As well as being briefed on keeping the audience safe, we were given a walk-through of the building and show. Rosie, Alex and Lucy, three members of the production team would escort the audience around the building, aided by Annie and myself as volunteer ushers. Between us we needed to ensure that the audience of fifty were safely in the right place at the right time for each of the band's six separate locations, but also ensure that they were given both space and time to explore Sal Pittman's projections and installations along the route. To highlight trip hazards and overhead obstacles we were provided with torches, but encouraged to use them only when necessary. With shows scheduled for 6.30 and 8.30pm starts, the building would not have the benefit of any natural daylight.



Our first experience of the show came with the 4.30pm dress rehearsal, and a real live audience of invited guests, press and Norwich Arts Centre staff. These were our guinea pigs, if you like, to test out the timings, and to see if an audience behaved as expected when following the route. It also gave us a better idea of where and how to deploy ourselves and how to guide our audience smoothly and seamlessly through the show. A further show at 6.30pm for invited art and music students gave us a second chance to fine tune things before the first performance proper on the Tuesday evening.

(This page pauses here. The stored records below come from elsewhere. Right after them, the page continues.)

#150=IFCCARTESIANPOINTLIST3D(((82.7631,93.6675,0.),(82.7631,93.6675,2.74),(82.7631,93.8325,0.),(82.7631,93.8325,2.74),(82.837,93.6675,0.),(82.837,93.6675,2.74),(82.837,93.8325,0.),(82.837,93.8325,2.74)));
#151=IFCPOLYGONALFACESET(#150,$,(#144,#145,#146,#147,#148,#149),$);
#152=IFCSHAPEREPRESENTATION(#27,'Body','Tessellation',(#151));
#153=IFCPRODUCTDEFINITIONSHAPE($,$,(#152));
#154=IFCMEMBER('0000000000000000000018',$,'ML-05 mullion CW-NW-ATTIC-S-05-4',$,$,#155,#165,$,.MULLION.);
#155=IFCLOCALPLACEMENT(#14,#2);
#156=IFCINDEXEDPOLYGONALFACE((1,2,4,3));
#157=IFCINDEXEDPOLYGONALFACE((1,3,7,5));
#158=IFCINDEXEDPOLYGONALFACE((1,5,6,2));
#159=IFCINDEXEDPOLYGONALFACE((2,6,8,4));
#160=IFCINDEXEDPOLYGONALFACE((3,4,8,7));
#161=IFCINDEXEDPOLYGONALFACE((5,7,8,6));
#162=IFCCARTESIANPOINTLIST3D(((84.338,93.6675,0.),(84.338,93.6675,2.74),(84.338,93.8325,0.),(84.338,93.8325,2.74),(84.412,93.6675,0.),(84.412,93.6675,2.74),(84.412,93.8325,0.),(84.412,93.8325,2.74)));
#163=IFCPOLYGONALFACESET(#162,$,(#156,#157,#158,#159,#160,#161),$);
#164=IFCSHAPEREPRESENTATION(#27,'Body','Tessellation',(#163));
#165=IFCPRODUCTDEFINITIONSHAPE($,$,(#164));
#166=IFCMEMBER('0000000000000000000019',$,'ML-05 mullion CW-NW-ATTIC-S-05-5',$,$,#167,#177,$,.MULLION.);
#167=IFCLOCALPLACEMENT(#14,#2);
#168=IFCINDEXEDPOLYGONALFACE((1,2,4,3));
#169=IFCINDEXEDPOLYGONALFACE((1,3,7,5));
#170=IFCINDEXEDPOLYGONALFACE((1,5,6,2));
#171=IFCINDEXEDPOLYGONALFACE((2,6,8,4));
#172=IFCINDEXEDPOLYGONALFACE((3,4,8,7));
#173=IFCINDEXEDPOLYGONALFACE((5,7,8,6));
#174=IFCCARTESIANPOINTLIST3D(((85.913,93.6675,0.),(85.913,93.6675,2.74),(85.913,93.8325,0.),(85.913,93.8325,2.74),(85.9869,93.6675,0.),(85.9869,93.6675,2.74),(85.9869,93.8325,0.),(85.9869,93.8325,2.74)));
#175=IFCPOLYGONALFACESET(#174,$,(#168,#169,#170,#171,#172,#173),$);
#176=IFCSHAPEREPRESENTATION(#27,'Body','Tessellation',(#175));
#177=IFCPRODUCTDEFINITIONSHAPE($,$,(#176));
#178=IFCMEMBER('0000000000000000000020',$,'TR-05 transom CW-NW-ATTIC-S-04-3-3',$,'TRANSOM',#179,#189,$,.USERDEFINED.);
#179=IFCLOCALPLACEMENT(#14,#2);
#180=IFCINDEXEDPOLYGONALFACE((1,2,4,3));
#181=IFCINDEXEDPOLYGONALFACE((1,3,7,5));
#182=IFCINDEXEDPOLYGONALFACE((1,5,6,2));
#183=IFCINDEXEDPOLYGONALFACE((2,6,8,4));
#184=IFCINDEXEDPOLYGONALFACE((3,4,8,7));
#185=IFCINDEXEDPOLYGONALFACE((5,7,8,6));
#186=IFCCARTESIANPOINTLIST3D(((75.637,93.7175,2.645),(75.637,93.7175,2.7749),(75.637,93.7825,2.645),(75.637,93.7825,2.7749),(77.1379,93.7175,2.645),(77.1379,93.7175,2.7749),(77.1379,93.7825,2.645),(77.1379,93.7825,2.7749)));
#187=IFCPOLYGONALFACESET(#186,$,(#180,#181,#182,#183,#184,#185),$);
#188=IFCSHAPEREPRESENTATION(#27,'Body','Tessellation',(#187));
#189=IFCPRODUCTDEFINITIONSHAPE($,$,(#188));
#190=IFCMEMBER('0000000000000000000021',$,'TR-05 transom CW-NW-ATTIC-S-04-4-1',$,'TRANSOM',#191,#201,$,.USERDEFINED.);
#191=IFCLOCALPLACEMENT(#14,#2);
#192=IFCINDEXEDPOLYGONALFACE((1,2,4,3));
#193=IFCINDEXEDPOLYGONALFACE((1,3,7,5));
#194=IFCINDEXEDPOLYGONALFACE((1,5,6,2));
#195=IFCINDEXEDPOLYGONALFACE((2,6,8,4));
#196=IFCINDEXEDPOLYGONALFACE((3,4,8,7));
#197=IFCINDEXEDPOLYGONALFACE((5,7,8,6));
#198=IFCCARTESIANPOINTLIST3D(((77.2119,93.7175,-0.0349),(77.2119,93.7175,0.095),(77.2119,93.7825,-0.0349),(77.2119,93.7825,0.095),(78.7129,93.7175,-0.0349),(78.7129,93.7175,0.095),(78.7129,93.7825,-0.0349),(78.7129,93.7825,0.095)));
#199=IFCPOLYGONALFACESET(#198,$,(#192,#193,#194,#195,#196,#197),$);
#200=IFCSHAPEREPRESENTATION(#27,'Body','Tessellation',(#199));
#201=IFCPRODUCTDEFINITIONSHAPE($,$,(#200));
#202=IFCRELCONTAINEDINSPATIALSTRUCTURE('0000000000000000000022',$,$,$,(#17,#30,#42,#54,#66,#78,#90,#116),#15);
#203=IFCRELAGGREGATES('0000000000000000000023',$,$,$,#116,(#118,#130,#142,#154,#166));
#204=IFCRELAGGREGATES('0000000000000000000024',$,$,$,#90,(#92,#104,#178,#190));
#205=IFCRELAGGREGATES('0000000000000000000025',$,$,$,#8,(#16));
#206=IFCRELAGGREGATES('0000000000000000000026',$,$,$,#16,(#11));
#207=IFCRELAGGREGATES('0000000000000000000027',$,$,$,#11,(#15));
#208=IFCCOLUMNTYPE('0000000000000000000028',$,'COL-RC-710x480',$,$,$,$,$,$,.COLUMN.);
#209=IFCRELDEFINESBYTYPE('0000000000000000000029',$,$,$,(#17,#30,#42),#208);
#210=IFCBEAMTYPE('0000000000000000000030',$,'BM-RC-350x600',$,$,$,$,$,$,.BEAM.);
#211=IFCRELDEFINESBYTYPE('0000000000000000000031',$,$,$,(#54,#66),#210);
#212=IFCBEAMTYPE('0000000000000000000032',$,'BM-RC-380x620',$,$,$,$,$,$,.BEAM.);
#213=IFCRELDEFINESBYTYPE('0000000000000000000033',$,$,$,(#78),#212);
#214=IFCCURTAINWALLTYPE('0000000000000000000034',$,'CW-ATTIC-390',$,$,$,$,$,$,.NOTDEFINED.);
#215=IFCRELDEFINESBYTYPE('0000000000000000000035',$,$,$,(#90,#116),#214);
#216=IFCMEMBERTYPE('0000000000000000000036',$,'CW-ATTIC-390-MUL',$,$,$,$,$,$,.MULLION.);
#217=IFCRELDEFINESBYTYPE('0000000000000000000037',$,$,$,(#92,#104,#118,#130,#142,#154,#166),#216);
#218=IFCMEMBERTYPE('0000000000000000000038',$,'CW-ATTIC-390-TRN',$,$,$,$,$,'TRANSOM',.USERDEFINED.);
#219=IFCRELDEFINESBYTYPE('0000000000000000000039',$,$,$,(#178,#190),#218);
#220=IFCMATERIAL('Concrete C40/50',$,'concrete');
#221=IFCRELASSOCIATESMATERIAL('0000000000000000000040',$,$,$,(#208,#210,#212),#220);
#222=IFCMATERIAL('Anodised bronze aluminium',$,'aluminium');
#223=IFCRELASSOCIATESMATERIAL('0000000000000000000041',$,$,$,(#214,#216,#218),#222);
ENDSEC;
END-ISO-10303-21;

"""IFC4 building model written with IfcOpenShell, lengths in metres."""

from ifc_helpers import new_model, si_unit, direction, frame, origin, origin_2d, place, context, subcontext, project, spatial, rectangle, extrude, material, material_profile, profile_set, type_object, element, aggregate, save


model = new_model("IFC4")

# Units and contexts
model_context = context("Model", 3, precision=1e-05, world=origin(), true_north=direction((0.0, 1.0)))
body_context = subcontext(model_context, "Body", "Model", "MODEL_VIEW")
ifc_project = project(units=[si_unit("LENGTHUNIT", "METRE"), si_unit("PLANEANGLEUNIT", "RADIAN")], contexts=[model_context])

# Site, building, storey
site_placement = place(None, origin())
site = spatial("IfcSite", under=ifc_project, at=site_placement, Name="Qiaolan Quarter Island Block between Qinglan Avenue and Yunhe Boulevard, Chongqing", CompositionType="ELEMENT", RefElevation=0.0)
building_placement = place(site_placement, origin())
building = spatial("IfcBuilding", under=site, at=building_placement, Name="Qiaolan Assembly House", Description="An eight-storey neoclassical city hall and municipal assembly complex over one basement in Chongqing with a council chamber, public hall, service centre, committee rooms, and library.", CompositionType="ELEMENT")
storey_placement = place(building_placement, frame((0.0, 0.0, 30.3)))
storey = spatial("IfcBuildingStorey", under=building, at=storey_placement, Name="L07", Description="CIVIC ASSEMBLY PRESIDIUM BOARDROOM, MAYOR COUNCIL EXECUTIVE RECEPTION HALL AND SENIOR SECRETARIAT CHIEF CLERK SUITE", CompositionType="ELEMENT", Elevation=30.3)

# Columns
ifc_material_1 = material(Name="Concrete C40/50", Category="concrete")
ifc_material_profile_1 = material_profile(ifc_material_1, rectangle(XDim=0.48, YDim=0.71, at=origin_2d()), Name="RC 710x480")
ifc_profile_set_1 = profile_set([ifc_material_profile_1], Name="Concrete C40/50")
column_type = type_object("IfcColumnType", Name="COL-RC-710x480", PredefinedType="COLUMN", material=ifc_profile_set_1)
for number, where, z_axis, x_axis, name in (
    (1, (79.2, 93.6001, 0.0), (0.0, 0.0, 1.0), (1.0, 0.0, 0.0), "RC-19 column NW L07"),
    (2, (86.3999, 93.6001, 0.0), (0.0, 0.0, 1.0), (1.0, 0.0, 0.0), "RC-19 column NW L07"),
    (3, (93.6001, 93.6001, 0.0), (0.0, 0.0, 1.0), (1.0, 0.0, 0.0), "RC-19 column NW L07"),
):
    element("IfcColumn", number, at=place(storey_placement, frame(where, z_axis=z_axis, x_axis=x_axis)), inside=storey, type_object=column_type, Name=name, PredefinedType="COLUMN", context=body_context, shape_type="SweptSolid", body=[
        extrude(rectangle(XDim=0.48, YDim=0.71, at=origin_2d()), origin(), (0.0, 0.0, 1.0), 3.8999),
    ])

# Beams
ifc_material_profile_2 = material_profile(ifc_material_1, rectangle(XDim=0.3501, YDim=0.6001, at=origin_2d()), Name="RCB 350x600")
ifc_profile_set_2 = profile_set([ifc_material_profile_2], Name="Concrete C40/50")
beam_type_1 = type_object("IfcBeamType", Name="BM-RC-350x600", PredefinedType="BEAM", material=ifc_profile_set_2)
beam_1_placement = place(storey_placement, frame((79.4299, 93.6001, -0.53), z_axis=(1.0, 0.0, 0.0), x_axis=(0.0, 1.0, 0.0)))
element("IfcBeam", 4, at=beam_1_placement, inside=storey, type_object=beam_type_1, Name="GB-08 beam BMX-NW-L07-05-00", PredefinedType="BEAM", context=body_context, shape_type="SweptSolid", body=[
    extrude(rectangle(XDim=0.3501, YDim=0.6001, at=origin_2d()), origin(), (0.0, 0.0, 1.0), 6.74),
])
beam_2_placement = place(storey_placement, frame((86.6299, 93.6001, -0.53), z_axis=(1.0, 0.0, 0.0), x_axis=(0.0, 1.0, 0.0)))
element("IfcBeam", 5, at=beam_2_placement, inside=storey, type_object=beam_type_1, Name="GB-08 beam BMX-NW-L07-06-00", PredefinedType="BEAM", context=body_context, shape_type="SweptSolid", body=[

Over the next four nights there were a total of seven sold out shows for ticket-holders, plus a further two shows on the Friday night for the artists' friends and families. A portable bar in a converted horsebox was provided by the The Bicycle Shop Café for the benefit of arriving audiences, but announcements warning of the absence of toilets once the shows started were required (We were, however, able to escort groups across to the adjacent building where their first floor washroom facilities had been made available to us). We were lucky with the weather. Although it was cold (and the building was completely unheated), it remained dry for the benefit of checking off ticket-holders, and for the enjoyment of those pre-show drinks.



By and large, audiences behaved as anticipated and followed the performers around the building without any accidents or mishap. Only occasionally were we caught out by the herding instinct, when a small number at the front would peel off in unexpected directions only to be followed by the remaining fifty. Our main aim as ushers was to make sure that the audiences could see and hear the whole show, and sometimes this did mean having to firmly but politely keep them from straying beyond certain key markers. By the end of the final show, I believe that we almost had it cracked. A good indicator of the success of the journey taken through the building came at the end of the final song, after which everyone was provided with a tot of hot rum. Audience had been returned to exactly the same point where they had entered the building fifty minutes earlier, but many had become disorientated en route to the point that they still needed to ask us the way out. And that was not just the strength of the rum.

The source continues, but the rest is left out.